What I Discovered in Maine

Post now updated with pics!

New England is known for beer and has one of the most well-developed craft brew scenes in the US. (Vermont and Maine are in the top five most-breweries states per capita, New Hampshire is 11th, and even populous Massachusetts is 22nd.) But there's beer culture and then there's beer culture. I learned on Saturday night just how advanced Maine is.

There's a little town near the New Hampshire border called Lovell. It's got a thousand people and is nowhere near any center of real population. Portland's over an hour away, and nearer towns include Paris, Berlin, Norway, and Poland--big names, but tiny populations. When you get to Lovell, there's a certain unmarked turn you can take onto a dirt road that leads , after a short drive, to an old farm. This is Ebeneezer's, a pub apparently famous among the beer intelligentsia but unknown to me.

The owners decided to try to recreate a Belgian pub, from the tchotchkes on the wall (here manifesting mainly as very cool breweriana) to 35 taps and dozens more bottles to moules frites on the menu. They did a fine job--call it White Mountain Brussels. The show-stopper and te reason to visit is the tap list. I was staggered to see TWO offerings from LoverBeer and another from Baladin--breweries most beer geeks haven't heard of. (LoverBeer only makes 500 barrels a year.) They had classic selections from De Dolle (Arabier), Silly, St Bernardus, and so on, a nice mix of styles and colors--and keep in mind this is just draft. Belgian breweries don't do much kegging, and of what they do, not a lot comes to the US. Beyond that, there are bottles aplenty, the rival of any bottle shop. The ambiance is great--cozy farmhouse--and I'm told they scatter tables outside during the summer.

I'm not convinced it's the best pub in America, as BeerAdvocate has done: the food isn't to the beer's standard, and the beer is insanely expensive. Nine bucks a pour for draft, and bottles drifting from the mid teens up. Cantillon was priced at $40 a bottle. That's higher than anyplace I've ever seen.

But.

This is middle-of-nowhere Maine. I know there are tourists around; Maine is a three-season destination for vacationers. But there's no way a pub this far off the beaten path can survive without locals, and locals willing to pay a huge premium for the experience of having a Brussels pub nearby. It's amazing. I can't imagine a pub like that surviving in a similar place anywhere else.

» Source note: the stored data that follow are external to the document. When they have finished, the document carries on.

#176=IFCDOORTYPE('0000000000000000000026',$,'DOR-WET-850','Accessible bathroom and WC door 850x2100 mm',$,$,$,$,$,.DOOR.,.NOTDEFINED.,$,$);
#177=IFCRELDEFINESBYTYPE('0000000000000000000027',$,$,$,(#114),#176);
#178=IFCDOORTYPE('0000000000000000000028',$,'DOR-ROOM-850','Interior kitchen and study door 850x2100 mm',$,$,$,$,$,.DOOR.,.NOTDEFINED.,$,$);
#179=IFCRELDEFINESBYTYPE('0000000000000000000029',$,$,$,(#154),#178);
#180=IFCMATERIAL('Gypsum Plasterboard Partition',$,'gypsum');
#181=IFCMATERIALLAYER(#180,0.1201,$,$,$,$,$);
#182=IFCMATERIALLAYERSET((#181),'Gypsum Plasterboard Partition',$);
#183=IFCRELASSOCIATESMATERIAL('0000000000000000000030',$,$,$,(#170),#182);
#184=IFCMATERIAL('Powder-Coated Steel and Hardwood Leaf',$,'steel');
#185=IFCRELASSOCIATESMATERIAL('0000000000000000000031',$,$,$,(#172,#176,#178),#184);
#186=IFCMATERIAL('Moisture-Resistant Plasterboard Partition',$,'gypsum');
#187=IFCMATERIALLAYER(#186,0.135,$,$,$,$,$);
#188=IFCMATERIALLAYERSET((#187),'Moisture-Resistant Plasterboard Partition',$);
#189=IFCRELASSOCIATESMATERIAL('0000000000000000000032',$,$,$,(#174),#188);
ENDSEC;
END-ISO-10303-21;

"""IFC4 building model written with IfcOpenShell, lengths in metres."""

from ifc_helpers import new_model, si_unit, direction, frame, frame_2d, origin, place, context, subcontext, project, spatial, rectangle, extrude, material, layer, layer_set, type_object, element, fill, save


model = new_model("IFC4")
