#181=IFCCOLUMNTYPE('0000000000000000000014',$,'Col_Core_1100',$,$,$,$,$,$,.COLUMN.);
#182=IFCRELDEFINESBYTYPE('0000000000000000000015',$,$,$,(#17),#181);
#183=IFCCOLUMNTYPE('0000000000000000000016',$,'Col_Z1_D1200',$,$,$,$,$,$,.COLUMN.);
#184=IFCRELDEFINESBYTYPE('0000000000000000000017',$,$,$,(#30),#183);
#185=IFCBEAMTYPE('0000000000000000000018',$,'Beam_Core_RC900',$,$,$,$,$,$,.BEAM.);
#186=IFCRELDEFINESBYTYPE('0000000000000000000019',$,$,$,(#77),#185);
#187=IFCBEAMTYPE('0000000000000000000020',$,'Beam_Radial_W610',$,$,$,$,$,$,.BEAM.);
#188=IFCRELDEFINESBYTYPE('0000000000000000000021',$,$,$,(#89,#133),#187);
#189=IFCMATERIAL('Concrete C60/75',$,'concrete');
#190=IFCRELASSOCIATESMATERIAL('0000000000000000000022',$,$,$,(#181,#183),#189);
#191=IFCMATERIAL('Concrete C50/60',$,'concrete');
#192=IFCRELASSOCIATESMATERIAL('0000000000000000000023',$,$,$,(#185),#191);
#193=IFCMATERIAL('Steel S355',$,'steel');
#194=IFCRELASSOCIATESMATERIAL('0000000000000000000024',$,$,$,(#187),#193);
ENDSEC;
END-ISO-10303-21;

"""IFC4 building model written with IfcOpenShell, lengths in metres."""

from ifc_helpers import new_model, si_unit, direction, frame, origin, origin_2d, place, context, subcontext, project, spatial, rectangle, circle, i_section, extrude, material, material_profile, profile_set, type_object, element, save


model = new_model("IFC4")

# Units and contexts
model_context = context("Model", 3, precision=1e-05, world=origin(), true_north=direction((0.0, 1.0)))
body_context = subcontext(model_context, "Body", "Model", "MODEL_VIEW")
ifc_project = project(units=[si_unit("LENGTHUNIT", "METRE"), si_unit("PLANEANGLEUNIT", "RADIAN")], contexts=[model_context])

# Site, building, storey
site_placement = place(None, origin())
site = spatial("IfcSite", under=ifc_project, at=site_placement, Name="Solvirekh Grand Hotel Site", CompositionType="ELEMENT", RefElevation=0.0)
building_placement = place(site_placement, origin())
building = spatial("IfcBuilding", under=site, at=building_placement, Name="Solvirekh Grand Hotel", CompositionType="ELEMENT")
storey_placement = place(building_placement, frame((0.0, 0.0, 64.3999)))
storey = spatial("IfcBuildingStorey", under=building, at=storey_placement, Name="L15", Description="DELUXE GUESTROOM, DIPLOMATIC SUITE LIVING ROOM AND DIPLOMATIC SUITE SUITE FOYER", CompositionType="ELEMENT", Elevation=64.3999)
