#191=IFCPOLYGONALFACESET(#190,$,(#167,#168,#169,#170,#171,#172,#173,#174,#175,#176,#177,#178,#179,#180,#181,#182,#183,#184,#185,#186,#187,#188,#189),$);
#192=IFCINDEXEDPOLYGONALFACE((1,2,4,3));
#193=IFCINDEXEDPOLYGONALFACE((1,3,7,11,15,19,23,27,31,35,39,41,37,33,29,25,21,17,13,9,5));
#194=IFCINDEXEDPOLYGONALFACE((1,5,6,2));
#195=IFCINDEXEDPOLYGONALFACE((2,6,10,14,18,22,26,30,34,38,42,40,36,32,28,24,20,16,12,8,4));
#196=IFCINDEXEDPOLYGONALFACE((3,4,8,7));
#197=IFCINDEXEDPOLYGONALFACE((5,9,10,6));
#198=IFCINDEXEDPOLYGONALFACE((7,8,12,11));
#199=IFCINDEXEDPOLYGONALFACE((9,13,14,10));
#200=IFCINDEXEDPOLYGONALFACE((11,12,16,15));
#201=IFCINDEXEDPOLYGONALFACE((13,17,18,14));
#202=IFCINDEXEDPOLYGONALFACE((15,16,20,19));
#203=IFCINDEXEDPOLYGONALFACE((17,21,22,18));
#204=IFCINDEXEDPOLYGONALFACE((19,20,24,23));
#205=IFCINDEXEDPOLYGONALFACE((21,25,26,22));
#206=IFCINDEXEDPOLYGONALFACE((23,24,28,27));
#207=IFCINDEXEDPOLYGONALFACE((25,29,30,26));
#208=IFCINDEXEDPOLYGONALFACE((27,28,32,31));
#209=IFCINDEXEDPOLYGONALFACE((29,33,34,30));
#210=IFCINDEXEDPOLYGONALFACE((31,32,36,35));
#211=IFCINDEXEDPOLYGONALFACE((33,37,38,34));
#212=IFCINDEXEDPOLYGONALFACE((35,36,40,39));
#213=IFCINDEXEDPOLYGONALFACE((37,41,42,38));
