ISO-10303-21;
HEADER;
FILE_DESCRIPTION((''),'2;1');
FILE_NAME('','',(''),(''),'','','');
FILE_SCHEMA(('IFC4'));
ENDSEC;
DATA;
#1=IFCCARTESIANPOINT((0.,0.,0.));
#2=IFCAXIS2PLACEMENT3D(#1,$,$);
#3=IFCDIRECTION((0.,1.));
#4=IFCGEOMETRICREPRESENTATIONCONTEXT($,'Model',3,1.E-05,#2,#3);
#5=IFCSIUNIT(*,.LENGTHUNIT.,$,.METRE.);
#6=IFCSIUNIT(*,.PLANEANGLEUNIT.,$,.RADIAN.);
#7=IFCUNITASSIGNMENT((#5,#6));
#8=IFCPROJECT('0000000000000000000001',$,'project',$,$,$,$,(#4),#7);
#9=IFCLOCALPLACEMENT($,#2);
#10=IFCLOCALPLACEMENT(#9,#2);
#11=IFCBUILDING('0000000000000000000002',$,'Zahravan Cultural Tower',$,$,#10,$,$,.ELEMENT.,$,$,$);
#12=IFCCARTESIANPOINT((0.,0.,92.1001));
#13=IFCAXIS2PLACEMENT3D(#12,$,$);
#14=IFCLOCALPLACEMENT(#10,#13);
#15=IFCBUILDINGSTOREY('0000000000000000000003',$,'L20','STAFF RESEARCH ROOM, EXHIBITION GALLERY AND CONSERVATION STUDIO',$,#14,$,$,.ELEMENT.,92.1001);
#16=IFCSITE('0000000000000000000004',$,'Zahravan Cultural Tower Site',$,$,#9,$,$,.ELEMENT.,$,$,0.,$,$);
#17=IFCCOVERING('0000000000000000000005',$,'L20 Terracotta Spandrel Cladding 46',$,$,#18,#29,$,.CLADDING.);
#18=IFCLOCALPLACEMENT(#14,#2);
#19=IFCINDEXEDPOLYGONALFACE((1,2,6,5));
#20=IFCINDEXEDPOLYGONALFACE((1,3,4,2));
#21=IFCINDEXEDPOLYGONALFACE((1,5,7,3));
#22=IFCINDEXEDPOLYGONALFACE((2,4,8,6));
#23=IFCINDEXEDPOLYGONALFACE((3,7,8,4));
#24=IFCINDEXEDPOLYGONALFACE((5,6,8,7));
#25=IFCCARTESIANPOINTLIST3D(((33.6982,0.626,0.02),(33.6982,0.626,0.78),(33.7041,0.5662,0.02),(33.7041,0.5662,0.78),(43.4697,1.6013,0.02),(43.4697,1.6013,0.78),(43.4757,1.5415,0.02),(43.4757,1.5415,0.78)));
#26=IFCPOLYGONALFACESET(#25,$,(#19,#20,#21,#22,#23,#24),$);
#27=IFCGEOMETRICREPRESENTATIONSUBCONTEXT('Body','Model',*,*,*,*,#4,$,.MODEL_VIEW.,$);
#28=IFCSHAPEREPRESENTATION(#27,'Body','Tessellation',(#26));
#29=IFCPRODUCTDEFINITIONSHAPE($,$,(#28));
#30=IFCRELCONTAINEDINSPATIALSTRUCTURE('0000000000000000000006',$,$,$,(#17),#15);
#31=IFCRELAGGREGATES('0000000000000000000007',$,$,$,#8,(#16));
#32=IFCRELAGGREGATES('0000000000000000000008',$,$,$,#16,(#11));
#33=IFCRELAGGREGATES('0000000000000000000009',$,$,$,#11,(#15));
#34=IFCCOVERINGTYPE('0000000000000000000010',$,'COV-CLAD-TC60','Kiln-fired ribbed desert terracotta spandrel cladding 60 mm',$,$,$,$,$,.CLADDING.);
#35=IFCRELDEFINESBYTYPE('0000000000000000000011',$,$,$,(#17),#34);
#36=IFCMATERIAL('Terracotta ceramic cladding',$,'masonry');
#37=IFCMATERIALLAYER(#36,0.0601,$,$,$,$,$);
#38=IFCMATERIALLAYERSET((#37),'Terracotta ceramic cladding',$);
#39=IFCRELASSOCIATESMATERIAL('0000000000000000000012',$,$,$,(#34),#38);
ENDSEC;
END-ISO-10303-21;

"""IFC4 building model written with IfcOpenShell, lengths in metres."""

from ifc_helpers import new_model, si_unit, direction, frame, origin, origin_2d, place, context, subcontext, project, spatial, rectangle, extrude, source, transform, mapped, material, layer, layer_set, type_object, element, save


model = new_model("IFC4")

# Units and contexts
model_context = context("Model", 3, precision=1e-05, world=origin(), true_north=direction((0.0, 1.0)))
body_context = subcontext(model_context, "Body", "Model", "MODEL_VIEW")
ifc_project = project(units=[si_unit("LENGTHUNIT", "METRE"), si_unit("PLANEANGLEUNIT", "RADIAN")], contexts=[model_context])

# Site, building, storey
site_placement = place(None, origin())
site = spatial("IfcSite", under=ifc_project, at=site_placement, Name="Zahravan Cultural Tower Site", CompositionType="ELEMENT", RefElevation=0.0)
building_placement = place(site_placement, origin())
building = spatial("IfcBuilding", under=site, at=building_placement, Name="Zahravan Cultural Tower", CompositionType="ELEMENT")
storey_placement = place(building_placement, frame((0.0, 0.0, 92.1001)))
storey = spatial("IfcBuildingStorey", under=building, at=storey_placement, Name="L20", Description="STAFF RESEARCH ROOM, EXHIBITION GALLERY AND CONSERVATION STUDIO", CompositionType="ELEMENT", Elevation=92.1001)

# Covering
ifc_material_1 = material(Name="Terracotta ceramic cladding", Category="masonry")
ifc_layer_1 = layer(ifc_material_1, 0.0601)
ifc_layer_set_1 = layer_set([ifc_layer_1], Name="Terracotta ceramic cladding")
covering_type = type_object("IfcCoveringType", Name="COV-CLAD-TC60", Description="Kiln-fired ribbed desert terracotta spandrel cladding 60 mm", PredefinedType="CLADDING", material=ifc_layer_set_1)
shared_shape_1 = source(origin(), body_context, "Body", "SweptSolid", [
    extrude(rectangle(XDim=9.8201, YDim=0.0601, at=origin_2d()), origin(), (0.0, 0.0, 1.0), 0.76),
])
covering_placement = place(storey_placement, frame((38.5869, 1.0837, 0.02), z_axis=(0.0, 0.0, 1.0), x_axis=(-0.995056, -0.09932, 0.0)))
element("IfcCovering", 1, at=covering_placement, inside=storey, type_object=covering_type, Name="L20 Terracotta Spandrel Cladding 46", PredefinedType="CLADDING", context=body_context, shape_type="MappedRepresentation", body=[
    mapped(shared_shape_1, transform((0.0, 0.0, 0.0), x_axis=(1.0, 0.0, 0.0), y_axis=(0.0, 1.0, 0.0), z_axis=(0.0, 0.0, 1.0), scale=1.0)),
])

save(model, "model.ifc")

As a sort of addendum, I ate last night in the Jolly Drayman in Bethel. It is an absolutely wonderful evocation of a British pub. Not a kitschy echo to remind yanks of their week in the Cotswolds, but a place for people who want a cozy pint in the kind of space British toss off with a shrug (but seem beyond the ken of most Americans). A nice selection of a half dozen beers and a cask engine. Again, a great experience, and one the people of Bethel (population 2400) are very fortunate to have. Not many towns that size do.